Nick was already moving, grabbing her arm, yanking her away from where Greyson stood with his brow furrowed in concentration. Heat roared down the hallway, singeing her eyebrows, and she understood even as Nick and Malleus tugged her around the corner that if she didn’t get away she would burn, they would all burn when the zombies fell on them. The last thing she saw was Greyson standing, his body outlined black against the burning bodies advancing on him, his shoulders set as he waited.

They’d almost reached the end of the hall when explosions ripped the air. Megan’s hair blew forward, lifted from her shoulders by the force of the blast. To her right the blackness of the empty stairwell beckoned; they all ducked into it and started up the stairs, their feet pounding on the cement.

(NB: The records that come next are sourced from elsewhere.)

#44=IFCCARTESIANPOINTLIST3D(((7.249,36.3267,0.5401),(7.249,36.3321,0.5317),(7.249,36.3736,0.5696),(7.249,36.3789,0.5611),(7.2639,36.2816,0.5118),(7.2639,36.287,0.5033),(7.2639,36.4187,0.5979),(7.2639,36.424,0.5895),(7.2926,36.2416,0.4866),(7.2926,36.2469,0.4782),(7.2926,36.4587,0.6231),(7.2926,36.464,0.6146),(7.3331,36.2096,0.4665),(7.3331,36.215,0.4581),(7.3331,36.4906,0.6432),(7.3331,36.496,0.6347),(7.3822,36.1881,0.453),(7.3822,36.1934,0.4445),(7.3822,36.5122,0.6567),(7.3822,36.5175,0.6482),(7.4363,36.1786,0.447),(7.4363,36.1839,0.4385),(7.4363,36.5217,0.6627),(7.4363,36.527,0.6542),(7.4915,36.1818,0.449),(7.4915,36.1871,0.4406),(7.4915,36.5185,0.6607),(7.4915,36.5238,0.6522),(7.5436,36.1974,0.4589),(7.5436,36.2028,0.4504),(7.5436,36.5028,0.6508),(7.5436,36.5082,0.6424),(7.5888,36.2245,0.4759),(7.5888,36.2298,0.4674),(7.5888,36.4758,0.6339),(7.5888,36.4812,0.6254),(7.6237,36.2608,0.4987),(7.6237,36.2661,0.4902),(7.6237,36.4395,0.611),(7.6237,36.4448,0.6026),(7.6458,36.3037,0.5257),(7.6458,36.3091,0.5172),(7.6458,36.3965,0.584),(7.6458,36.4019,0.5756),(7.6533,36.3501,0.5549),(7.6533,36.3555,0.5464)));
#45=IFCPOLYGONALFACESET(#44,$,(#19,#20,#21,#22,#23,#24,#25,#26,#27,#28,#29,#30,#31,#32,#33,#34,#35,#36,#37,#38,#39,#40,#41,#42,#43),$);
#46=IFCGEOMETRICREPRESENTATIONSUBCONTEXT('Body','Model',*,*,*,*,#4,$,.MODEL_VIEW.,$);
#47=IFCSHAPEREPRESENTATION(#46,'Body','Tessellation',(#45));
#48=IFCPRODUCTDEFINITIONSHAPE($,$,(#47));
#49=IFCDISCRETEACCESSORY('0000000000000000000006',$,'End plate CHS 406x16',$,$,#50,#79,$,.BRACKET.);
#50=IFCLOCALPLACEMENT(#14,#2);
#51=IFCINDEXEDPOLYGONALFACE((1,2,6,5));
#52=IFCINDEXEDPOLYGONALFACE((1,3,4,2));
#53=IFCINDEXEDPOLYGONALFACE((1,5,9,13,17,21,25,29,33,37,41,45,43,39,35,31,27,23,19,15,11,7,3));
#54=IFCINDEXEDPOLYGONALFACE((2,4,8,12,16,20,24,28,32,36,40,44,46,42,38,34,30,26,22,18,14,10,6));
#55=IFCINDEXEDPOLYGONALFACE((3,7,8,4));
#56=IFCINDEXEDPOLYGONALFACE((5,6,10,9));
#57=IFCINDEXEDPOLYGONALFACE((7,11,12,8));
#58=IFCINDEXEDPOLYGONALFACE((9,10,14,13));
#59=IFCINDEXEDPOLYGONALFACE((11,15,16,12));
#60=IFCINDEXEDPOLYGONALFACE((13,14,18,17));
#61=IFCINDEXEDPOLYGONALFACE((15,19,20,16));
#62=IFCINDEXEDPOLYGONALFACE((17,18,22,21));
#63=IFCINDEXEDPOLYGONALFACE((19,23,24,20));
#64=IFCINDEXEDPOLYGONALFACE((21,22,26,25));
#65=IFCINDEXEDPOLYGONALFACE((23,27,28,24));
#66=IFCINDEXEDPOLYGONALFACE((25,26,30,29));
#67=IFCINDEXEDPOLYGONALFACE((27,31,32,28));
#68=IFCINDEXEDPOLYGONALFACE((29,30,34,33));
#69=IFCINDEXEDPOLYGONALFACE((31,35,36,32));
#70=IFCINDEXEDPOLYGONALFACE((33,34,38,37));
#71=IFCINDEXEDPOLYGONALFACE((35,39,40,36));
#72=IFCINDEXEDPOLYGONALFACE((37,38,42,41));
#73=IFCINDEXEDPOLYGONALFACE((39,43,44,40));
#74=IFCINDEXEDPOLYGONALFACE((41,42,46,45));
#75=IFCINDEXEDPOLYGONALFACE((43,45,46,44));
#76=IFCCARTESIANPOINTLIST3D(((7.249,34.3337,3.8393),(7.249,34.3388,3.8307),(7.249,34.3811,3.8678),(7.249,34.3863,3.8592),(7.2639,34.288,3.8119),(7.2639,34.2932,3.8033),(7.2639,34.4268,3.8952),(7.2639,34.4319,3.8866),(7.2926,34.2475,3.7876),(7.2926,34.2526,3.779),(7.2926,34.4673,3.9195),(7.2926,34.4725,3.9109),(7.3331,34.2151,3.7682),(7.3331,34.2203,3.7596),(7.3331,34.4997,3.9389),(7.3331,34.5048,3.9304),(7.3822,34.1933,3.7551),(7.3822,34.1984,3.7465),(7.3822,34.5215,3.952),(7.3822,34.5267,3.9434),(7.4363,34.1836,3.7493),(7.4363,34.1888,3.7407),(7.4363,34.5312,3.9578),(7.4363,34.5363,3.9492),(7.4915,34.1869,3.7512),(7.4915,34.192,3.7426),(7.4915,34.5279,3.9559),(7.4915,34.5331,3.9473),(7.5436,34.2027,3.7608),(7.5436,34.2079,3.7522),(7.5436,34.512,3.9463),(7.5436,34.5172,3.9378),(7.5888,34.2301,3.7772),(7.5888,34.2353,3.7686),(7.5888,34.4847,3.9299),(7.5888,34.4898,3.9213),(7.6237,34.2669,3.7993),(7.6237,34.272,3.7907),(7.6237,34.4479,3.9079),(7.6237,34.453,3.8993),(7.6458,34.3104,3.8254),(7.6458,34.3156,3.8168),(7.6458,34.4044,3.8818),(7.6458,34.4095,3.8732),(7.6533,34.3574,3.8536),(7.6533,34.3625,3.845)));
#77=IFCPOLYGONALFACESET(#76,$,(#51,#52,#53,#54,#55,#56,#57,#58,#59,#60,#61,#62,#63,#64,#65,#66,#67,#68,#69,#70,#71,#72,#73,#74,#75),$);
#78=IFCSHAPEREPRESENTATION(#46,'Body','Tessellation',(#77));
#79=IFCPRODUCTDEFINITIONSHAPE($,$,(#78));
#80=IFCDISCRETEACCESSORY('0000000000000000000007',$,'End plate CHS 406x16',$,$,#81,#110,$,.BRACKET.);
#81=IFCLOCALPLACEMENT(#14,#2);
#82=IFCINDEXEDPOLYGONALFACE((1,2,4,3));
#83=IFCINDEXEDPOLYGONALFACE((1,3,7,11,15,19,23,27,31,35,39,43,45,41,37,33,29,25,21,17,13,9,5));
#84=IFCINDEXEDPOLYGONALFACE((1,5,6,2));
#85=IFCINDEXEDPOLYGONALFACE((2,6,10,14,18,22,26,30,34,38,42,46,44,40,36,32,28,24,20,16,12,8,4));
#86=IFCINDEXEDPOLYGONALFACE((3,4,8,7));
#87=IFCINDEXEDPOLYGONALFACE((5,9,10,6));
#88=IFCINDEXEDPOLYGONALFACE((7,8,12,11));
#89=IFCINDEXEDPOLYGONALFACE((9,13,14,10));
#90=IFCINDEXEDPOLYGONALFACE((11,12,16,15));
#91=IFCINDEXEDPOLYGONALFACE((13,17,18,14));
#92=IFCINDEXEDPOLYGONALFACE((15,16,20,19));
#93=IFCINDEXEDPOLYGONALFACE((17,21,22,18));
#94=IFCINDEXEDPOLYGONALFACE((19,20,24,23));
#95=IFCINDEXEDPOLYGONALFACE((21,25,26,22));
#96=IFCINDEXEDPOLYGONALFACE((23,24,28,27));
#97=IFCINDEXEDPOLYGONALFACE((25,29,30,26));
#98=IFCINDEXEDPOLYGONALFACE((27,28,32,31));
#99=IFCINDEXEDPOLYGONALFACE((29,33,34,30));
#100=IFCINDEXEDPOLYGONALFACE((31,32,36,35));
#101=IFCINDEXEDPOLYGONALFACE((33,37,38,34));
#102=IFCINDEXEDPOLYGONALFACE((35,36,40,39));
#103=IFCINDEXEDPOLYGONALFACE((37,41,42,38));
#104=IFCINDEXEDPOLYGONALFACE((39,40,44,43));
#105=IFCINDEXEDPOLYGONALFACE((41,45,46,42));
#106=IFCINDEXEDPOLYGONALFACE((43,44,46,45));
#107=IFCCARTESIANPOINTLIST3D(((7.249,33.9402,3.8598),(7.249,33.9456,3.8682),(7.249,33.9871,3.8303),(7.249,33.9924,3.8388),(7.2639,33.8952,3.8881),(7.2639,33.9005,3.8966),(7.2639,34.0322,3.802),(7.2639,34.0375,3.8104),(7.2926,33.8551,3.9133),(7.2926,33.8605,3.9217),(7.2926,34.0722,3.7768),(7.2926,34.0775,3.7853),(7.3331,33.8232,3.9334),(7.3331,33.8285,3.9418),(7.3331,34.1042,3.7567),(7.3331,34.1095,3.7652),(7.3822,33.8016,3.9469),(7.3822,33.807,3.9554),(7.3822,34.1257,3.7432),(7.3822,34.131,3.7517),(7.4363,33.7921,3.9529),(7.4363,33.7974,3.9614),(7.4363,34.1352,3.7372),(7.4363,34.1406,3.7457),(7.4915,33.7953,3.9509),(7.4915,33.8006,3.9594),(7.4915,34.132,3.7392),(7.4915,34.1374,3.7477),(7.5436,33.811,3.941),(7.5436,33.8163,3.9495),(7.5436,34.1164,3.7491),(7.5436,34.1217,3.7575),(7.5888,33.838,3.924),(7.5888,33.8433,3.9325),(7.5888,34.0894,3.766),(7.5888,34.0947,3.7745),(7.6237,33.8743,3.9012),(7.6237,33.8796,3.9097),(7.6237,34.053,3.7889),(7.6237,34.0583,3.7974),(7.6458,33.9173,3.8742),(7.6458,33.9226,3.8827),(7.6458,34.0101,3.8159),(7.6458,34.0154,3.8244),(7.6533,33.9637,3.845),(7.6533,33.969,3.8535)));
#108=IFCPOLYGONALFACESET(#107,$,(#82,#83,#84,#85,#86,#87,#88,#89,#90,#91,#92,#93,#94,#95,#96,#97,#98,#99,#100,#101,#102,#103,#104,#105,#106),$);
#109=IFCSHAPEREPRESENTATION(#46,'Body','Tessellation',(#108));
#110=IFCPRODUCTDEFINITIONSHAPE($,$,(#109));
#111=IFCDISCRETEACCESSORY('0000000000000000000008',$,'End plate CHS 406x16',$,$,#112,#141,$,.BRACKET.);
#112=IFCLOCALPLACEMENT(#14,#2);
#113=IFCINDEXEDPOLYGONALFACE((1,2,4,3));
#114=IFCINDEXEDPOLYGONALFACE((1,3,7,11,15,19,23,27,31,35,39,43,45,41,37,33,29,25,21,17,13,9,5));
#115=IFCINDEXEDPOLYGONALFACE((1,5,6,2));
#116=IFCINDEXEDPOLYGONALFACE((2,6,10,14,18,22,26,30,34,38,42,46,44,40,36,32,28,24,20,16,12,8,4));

Another explosion rocked the building and tore a scream from Megan’s throat. Blindly she turned, stumbling back down toward the landing. If he was hurt, if he’d died—

“He’s fine!” Nick practically pulled her arm out of its socket as he dragged her up the stairs. “He’s fine, Megan, come on!”

The edge of a step collided painfully with her shin as she tripped over her own feet, but there was no time to stop, no time even to hear her own cry of pain.

The stained walls were nothing but a jumble in front of her. Something fell with a dull clang on the metal railing. A chunk of the stairs above. The building still shook. Another dull explosion rattled through it.

They reached the third floor and started down the hall, their feet shuffling through dead leaves and refuse. Megan’s demon heart gave another leap, bigger than it had been downstairs, and she stopped, almost falling forward.

“Nick? Do you—”

He nodded. “Not here. But closer.”

She turned back toward the stairs, but Maleficarum pulled her away. “Down there, m’lady. We don’t wanna stay in one place, right?”

Nothing came at them from the empty caves of the rooms they passed, but Megan had the sense of things waiting in there, skulking against the dingy shadowed walls, crouching under windowsills. She ran as fast as she could, hooking her finger into Nick’s belt loop and letting him pull her along until he slipped and she crashed down with him.